Perkawinan merupakan salah satu tahapan yang penting dan dilakukan dalam
perjalanan hidup seorang manusia. Undang-Undang Republik Indonesia Nomor 1
Tahun 1974 Tentang Perkawinan Pasal 1 menyatakan Perkawinan adalah ikatan lahir
batin antara seorang pria dan seorang wanita sebagai suami istri dengan tujuan
membentuk keluarga atau rumah tangga yang bahagia dan kekal berdasarkan
ketuhanan Yang Maha Esa. Menurut Suyono seperti dikutip oleh Ernatip et.al (2004),
perkawinan adalah suatu hubungan antara pria dan wanita yang sudah dewasa yang
saling mengadakan ikatan hukum adat atau agama dengan maksud bahwa mereka 5
saling memelihara hubungan tersebut agar berlangsung dalam waktu yang relatif lama.

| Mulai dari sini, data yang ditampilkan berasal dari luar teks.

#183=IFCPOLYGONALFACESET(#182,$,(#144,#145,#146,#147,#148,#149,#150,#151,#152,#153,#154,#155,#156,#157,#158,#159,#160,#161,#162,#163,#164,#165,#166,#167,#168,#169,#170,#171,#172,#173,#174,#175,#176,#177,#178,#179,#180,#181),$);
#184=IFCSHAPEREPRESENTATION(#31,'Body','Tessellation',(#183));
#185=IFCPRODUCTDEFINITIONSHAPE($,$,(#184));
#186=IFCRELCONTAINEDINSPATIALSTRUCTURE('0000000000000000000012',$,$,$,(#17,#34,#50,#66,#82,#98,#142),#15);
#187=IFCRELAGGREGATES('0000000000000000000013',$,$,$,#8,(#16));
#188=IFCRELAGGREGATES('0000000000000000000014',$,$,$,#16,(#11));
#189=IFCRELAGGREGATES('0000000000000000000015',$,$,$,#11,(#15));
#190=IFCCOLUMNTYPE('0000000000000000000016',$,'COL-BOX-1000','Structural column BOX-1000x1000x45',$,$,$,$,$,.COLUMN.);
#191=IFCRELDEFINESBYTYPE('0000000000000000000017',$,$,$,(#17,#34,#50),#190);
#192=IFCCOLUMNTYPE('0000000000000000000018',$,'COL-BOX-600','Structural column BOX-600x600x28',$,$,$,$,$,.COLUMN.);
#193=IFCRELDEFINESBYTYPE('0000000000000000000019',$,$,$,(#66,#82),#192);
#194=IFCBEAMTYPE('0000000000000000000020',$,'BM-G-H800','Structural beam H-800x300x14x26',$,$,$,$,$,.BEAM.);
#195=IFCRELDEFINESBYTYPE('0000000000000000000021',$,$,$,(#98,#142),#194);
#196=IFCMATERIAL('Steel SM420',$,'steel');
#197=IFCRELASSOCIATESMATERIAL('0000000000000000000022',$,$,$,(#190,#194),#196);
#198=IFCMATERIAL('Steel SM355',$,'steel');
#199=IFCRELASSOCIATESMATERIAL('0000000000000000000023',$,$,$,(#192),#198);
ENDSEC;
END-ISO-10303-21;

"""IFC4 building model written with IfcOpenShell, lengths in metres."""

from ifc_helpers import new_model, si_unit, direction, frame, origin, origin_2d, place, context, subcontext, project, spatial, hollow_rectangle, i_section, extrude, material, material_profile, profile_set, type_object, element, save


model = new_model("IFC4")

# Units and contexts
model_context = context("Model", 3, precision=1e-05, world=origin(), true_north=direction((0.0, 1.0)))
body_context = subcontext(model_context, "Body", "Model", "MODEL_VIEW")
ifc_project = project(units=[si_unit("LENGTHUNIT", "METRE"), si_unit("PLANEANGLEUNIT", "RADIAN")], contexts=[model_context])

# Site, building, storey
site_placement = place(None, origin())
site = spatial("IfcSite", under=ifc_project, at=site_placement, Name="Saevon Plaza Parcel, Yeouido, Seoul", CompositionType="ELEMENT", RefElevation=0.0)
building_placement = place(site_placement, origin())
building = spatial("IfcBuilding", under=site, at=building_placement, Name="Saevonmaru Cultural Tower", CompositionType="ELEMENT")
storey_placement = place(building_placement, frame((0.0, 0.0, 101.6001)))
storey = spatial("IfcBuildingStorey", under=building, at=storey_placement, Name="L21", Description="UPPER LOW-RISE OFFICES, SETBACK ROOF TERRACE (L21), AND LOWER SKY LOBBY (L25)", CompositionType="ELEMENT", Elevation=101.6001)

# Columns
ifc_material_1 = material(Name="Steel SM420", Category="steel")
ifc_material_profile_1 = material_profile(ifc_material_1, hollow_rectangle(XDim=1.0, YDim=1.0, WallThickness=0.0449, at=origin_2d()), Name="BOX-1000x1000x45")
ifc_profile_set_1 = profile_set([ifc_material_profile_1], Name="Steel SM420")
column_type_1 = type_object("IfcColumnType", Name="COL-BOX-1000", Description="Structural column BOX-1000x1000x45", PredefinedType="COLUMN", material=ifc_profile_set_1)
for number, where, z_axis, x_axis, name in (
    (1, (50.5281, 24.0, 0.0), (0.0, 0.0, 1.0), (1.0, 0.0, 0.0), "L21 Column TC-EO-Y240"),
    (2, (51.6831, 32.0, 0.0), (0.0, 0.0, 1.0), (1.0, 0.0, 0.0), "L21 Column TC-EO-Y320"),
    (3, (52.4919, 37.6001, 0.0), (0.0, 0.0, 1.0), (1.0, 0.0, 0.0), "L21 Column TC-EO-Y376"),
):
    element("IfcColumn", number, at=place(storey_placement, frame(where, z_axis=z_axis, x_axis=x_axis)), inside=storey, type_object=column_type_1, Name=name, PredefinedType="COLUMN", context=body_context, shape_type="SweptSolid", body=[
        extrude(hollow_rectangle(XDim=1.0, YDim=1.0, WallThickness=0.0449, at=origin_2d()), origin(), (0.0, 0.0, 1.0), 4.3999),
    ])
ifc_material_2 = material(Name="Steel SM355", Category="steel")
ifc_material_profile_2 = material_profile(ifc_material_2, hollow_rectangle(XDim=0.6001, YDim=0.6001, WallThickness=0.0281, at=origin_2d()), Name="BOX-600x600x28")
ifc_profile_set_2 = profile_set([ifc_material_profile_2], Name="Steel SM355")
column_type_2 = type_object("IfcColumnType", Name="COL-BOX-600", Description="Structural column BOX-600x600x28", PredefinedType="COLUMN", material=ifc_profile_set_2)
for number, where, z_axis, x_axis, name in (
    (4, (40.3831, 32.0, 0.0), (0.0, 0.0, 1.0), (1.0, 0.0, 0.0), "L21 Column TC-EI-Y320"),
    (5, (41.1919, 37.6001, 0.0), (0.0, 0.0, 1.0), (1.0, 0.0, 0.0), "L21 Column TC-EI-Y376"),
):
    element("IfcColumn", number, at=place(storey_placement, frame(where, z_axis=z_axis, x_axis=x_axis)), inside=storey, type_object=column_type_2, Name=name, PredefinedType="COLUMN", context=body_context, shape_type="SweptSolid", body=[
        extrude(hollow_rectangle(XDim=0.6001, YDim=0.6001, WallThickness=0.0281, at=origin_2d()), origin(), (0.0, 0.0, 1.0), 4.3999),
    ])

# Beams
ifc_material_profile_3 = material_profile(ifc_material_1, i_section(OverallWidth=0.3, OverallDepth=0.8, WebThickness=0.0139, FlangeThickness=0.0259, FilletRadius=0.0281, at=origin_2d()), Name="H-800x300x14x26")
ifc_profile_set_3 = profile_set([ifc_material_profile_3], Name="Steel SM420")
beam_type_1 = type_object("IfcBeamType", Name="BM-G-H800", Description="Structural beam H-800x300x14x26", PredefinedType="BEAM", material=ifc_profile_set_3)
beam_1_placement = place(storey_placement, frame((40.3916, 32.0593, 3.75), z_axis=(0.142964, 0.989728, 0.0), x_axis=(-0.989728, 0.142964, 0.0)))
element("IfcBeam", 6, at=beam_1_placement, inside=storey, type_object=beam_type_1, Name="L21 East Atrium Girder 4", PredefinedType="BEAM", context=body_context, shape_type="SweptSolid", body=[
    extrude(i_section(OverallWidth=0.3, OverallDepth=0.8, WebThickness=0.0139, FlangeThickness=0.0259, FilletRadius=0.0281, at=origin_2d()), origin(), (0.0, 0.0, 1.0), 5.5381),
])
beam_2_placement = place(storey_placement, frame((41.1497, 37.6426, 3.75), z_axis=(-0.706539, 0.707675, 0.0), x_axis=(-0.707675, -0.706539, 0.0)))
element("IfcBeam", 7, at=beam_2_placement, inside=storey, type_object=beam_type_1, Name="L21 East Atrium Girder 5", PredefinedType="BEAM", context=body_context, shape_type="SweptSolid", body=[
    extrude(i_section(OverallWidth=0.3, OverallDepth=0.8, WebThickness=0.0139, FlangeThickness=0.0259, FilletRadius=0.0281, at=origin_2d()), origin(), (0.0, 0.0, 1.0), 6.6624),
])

Perkawinan yang ideal dipengaruhi oleh adat istiadat dan pengaruh latar belakang
budaya keluarga, lingkungan serta pergaulan masyarakat dan pengaruh agama atau
kepercayaan yang melingkupi perbuatan hukum tersebut. Menurut Koentjaraningrat,
2009: 156, individu yang melakukan perkawinan campuran akan dihadapkan pada
perubahan dari tadisi yang biasa dilihatnya, walaupun berbeda tapi tetap mengacu
kepada aturan dan tradisi. Peran-peran yang dijalankan baiknya sesuai dengan
kepercayaan, nilai dan norma yang diwariskan oleh budayanya, karna suatu sistem nilai
budaya sering juga berupa pandangan hidup atau world view bagi manusia yang
menganutnya. Budaya menjadi suatu aspek yang penting dalam perkawinan, karna
suatu pernikahan tersebut tentu memiliki nilai-nilai budaya yang dianut, menurut
keyakinan dan kebiasaan, serta adat istiadat dan gaya hidup budayanya.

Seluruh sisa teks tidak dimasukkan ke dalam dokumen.